7

I used a specific authorization policy for user log in, so created custom Authorization Handler. And I would like to display use a specific alert message if they failed the policy. I read the documentation and found that I could access AuthorizationFilterContext via casting AuthorizationHandlerContext. I tried to add message to HttpContext.Items property and access it in my controller, but it returns false when i check it with TryGetValue method.

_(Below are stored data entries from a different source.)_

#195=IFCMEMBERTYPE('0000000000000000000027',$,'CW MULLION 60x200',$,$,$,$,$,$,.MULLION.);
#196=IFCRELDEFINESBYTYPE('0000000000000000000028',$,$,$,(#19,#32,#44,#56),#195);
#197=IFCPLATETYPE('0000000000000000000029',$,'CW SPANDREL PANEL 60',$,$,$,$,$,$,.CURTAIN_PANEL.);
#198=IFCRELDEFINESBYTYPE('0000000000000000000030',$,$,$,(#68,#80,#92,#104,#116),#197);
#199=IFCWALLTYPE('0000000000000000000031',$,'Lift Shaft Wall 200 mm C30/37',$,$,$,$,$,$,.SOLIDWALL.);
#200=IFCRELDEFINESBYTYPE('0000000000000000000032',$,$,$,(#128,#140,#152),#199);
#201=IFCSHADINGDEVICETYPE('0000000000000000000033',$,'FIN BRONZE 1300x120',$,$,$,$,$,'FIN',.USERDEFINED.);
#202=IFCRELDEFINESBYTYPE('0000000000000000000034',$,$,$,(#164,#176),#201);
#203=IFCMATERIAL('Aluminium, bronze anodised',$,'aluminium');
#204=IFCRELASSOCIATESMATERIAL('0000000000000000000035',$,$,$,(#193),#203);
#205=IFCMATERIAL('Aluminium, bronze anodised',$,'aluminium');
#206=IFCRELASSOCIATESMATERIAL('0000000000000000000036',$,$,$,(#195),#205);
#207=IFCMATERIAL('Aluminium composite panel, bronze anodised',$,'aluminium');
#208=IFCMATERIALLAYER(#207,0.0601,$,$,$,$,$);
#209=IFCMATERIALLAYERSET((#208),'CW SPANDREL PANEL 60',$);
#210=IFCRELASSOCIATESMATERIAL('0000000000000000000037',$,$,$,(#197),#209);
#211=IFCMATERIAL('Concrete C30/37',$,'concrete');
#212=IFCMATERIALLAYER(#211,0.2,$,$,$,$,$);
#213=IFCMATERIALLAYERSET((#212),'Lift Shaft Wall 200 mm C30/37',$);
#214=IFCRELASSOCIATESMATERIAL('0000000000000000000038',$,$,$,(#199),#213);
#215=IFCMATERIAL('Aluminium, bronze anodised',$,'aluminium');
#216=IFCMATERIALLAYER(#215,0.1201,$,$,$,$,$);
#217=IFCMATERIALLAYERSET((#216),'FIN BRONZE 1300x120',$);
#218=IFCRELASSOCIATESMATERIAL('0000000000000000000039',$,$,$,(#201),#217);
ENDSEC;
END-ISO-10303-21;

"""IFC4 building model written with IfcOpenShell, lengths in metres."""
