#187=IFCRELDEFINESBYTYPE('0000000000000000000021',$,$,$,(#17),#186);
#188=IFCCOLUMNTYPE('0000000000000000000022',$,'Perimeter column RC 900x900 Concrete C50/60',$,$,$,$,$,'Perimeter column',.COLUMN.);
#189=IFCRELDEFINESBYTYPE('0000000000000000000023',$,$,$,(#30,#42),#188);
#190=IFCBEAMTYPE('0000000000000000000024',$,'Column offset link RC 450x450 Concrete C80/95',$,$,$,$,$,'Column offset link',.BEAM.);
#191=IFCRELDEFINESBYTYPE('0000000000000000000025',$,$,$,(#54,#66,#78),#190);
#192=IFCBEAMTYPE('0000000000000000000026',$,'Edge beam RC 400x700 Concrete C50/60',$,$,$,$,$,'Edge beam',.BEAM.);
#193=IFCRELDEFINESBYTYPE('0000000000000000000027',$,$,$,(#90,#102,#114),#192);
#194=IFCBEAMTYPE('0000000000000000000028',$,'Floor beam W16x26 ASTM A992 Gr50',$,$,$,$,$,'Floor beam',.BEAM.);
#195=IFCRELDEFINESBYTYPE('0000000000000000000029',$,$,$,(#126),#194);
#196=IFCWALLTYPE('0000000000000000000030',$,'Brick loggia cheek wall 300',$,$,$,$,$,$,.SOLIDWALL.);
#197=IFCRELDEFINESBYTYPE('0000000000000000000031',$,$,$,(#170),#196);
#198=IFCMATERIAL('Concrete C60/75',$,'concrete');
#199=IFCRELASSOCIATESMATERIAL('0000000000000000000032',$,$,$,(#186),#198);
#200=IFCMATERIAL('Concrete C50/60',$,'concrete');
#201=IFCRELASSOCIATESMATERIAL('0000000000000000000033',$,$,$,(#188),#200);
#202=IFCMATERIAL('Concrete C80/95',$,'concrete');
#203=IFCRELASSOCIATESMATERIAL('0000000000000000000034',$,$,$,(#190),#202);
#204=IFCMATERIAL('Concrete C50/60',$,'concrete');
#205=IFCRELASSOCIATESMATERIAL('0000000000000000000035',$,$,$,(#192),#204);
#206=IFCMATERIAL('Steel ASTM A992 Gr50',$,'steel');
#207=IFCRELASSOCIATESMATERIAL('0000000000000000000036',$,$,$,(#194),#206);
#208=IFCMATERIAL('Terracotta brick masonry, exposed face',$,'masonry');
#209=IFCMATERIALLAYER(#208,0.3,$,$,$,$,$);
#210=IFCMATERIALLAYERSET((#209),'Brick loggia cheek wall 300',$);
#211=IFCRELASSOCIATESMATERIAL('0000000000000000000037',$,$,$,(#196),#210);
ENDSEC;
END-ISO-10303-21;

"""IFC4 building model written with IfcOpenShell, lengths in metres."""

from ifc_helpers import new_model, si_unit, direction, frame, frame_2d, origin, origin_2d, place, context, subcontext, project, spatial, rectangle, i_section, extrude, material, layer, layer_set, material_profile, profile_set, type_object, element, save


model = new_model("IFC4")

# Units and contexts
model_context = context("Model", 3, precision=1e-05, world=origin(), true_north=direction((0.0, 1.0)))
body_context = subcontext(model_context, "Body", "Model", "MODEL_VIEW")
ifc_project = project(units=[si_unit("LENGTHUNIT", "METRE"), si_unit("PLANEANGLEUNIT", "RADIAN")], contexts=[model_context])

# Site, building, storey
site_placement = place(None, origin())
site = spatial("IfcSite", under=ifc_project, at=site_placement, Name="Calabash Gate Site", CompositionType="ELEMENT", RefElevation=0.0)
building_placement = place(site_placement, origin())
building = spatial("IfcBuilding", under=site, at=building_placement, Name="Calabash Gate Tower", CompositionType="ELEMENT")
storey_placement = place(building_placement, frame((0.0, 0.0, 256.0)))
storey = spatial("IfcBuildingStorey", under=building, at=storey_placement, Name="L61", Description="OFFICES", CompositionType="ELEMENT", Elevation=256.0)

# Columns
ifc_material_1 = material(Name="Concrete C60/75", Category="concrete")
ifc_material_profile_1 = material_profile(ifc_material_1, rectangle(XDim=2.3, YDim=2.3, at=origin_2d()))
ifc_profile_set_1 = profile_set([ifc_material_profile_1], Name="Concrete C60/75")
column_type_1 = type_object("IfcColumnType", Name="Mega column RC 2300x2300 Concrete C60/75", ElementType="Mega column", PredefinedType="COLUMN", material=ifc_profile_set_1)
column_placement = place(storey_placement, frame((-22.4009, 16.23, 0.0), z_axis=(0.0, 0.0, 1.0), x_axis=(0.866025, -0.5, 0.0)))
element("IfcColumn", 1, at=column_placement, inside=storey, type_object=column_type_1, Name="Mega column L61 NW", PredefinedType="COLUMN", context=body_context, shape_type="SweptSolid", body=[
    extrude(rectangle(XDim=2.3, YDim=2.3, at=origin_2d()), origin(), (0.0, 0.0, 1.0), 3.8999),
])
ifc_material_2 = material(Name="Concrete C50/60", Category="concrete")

if (context.HasFailed && context.Resource is AuthorizationFilterContext mvcContext)
{
 mvcContext.HttpContext.Items["message"] = "alert message";
}

and this is the code i used in controller action that will be executed when authorization has failed, 

public IActionResult Login()
        {
            bool t = HttpContext.Items.TryGetValue("message", out Object e);
            //t is false
            TempData["message"] = e as string;
            return View();
        }

and this is startup class where i registered all authentication services.

services.AddAuthentication(CookieAuthenticationDefaults.AuthenticationScheme)
                    .AddCookie(options =>
                    {
                        options.AccessDeniedPath = "/Account/Login";
                        options.LoginPath = "/Account/Login";
                    });
            services.AddAuthorization(options =>
            {
                options.AddPolicy("CustomRequirement", policy => policy.Requirements.Add(new CustomRequirement()));
            });

Is there any way i could work it out?

added full handler. 

public class CustomRequirementHandler : AuthorizationHandler<CustomRequirement>
    {

        protected override Task HandleRequirementAsync(AuthorizationHandlerContext context, CustomRequirement requirement)
        {
            Dictionary<string, string> claims = context.User.Claims.ToDictionary(p => p.Type, p => p.Value);
            if (claims.TryGetValue("SessionId", out string sessionId) && claims.TryGetValue("UserId", out string userName) )
            {
                bool qq = ;//we check session id and user id that is stored in our database, true if valid.
                if (qq)
                {
                    context.Succeed(requirement);
                }
                else
                {
                    context.Fail();
                }
            }
            else
            {
                context.Fail();
            }

            if (context.HasFailed && context.Resource is AuthorizationFilterContext mvcContext)


   {
            var tempData = _tempDictionaryFactory.GetTempData(mvcContext.HttpContext);
            tempData["message"] = "alert message";
        }

        return Task.CompletedTask;
    }
}

I guess add this will make dependency injected?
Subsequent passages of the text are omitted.